1. The command-line argument, int argc, string argv[] template

int main(int argc, string argv[])
{
        // ...
}

1. Check whehter the input is a non-negative integer or not.

int only_digits(string s)
{
    int i, l;

    for (i = 0, l = strlen(s); i < l; i++)
    {
        if (!isdigit(s[i]))
            return 0;
    }
    return 1;
}

Notice that the method we use here is to check whether each character is a digit or not.

3. Rotate each alphabetical letter

char rotate(char c, int key)
{
    if (!isalpha(c))
        return c;
    else
    {
        if (isupper(c))
        {
            int result = ((int) (c - 'A') + key) % 26 + (int) 'A';
            return (char) result;
        }
        else
        {
            c = toupper(c);
            int result = ((int) (c - 'A') + key) % 26 + (int) 'a';
            return (char) result;
        }
    }
}

Notice that the method we use here is to check whether each character is a digit or not.

Take-aways

1. The get_string() provided in the <cs50.h> won't truncate the extra white space behind. For example, if you input 123 , the extra white space behind 3 will also be counted into the string.
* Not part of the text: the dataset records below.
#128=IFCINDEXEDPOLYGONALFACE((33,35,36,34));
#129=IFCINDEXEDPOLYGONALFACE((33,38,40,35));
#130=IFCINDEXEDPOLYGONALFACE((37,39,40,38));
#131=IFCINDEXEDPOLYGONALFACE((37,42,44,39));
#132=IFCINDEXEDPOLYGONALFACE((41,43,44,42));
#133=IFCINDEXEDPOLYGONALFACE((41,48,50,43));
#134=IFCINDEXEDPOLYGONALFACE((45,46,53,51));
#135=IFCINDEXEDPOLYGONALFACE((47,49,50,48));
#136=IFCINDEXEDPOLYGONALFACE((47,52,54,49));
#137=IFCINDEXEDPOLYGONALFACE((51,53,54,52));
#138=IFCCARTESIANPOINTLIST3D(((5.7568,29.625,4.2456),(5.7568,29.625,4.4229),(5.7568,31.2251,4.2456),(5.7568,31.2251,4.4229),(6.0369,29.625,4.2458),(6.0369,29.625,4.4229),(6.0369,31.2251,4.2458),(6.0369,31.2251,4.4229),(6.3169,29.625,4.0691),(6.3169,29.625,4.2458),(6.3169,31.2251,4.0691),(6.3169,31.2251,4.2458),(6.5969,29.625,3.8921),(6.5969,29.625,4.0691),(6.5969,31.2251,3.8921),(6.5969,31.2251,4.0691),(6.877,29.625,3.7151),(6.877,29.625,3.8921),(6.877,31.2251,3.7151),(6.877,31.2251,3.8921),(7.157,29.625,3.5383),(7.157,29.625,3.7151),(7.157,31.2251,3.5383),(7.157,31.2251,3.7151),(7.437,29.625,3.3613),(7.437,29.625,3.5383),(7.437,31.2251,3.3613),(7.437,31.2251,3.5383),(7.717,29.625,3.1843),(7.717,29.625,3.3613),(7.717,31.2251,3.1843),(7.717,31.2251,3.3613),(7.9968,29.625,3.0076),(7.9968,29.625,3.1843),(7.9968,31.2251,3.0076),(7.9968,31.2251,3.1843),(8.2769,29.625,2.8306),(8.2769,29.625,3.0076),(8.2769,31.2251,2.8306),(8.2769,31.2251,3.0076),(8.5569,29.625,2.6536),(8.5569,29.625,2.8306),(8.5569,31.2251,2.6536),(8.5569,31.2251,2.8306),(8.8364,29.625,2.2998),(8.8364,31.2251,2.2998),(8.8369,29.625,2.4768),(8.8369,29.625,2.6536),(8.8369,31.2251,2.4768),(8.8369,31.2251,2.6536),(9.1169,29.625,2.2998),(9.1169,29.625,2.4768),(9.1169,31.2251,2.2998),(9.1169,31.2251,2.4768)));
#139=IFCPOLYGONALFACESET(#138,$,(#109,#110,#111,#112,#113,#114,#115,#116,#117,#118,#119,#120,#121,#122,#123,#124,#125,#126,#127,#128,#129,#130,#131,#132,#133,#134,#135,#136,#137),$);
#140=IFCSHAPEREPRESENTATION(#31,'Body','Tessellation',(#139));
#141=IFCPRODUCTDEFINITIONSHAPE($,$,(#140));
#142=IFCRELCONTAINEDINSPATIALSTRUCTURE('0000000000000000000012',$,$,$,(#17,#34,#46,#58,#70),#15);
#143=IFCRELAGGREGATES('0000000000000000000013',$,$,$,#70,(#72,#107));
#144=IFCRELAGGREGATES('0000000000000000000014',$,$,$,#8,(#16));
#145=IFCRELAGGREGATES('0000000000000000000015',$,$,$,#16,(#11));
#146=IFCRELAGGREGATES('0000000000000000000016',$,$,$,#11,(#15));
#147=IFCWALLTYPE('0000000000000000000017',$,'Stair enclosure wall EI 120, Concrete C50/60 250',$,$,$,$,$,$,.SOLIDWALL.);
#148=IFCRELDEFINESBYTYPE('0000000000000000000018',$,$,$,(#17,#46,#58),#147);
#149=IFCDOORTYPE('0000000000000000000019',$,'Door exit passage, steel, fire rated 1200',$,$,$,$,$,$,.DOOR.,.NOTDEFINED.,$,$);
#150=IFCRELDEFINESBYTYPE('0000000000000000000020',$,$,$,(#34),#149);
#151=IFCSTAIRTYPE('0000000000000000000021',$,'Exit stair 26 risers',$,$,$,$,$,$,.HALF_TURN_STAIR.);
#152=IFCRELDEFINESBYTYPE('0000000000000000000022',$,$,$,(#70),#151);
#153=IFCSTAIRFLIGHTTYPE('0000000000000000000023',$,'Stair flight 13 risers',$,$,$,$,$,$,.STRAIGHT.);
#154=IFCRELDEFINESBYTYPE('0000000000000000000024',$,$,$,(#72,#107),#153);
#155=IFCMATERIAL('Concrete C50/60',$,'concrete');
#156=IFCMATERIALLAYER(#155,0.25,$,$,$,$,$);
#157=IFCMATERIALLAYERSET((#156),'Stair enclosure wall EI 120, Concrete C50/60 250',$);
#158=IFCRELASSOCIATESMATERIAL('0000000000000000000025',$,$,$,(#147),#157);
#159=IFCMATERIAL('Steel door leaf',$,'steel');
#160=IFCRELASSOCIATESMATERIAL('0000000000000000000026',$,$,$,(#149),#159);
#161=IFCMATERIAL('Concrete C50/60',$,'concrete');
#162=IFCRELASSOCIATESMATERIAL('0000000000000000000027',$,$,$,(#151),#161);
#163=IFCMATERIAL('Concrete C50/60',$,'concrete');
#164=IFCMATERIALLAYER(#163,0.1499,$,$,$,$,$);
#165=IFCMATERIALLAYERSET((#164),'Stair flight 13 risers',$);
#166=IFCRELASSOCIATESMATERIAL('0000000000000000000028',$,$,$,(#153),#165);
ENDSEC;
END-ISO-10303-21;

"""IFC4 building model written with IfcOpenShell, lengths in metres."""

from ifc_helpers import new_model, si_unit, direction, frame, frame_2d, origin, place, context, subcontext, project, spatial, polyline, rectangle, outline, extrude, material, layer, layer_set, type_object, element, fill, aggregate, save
But in this problem, because of the use of string argv[], it will use white space to seperate between strings, so the extra white space won't be counted to argv[1], and it will only contain 123\0.

03 Subtitution - Hard

Things to notice in the problem statement

1. Every character in the key must be alphabetical, case-sensitive and appear only once, which means c and C can not appear in the key at the same time.

Dividie and Conquer

Procedure Main
    Ensure the program was run with exactly one command-line argument
    Verify that the key (argv[1]) is valid
    Convert argv[1] from a string to an integer
    Prompt the user for plaintext
    For each character in the plaintext
        Find the corresponding encrypted character if it is a letter
    End For
End Procedure

Useful Snippets

1. Validate the key

   1. $O(n^2)$ method.

   int validate_key(string key)
   {
       int i, l, j;
   
       for (i = 0, l = strlen(key); i < l; i++)
       {
           if (!isalpha(key[i]))
               return 1;
           for (j = i+1; j < l; j++)
           {
               if (toupper(key[j]) == toupper(key[i]))
                   return 1;
           }
       }
   
       return 0;
   }

   1. $O(n)$ method

   int validate_key(string key)
   {
       int record[26] = {0};
   
       for (int i = 0, l = strlen(key); i < l; i++)
       {
           int index = toupper(key[i]) - 'A';
           if (!isalpha(key[i]))
               return 1;
           else if (record[index] == 1)
               return 1;
           else
               record[index] = 1;
       }
       return 0;
   }

2. Encrypt the alphabetical character

char encrypt(char c, string key)
{
    int index;
    int case_indicator = 0;

    if (!isalpha(c))
        return c;
    else
    {
        // calculate the index and record the case_indicator
        if (isupper(c))
        {
            index = (int) c - 'A';
            case_indicator = 1;
        }
        else if (islower(c))
        {
            index = (int) c - 'a';
            case_indicator = 0;
        }

        if (case_indicator)
            return toupper(key[index]);
        else
            return tolower(key[index]);
    }
}

Take-aways

1. In the validation part, the idea of keep tracking is important and will decrease the time compelxity tremendously.

2. The idea of index in the letter and array problem is important also. If it is case-sensitive in the problem, we can use toupper() or tolower() to map the letter to its index.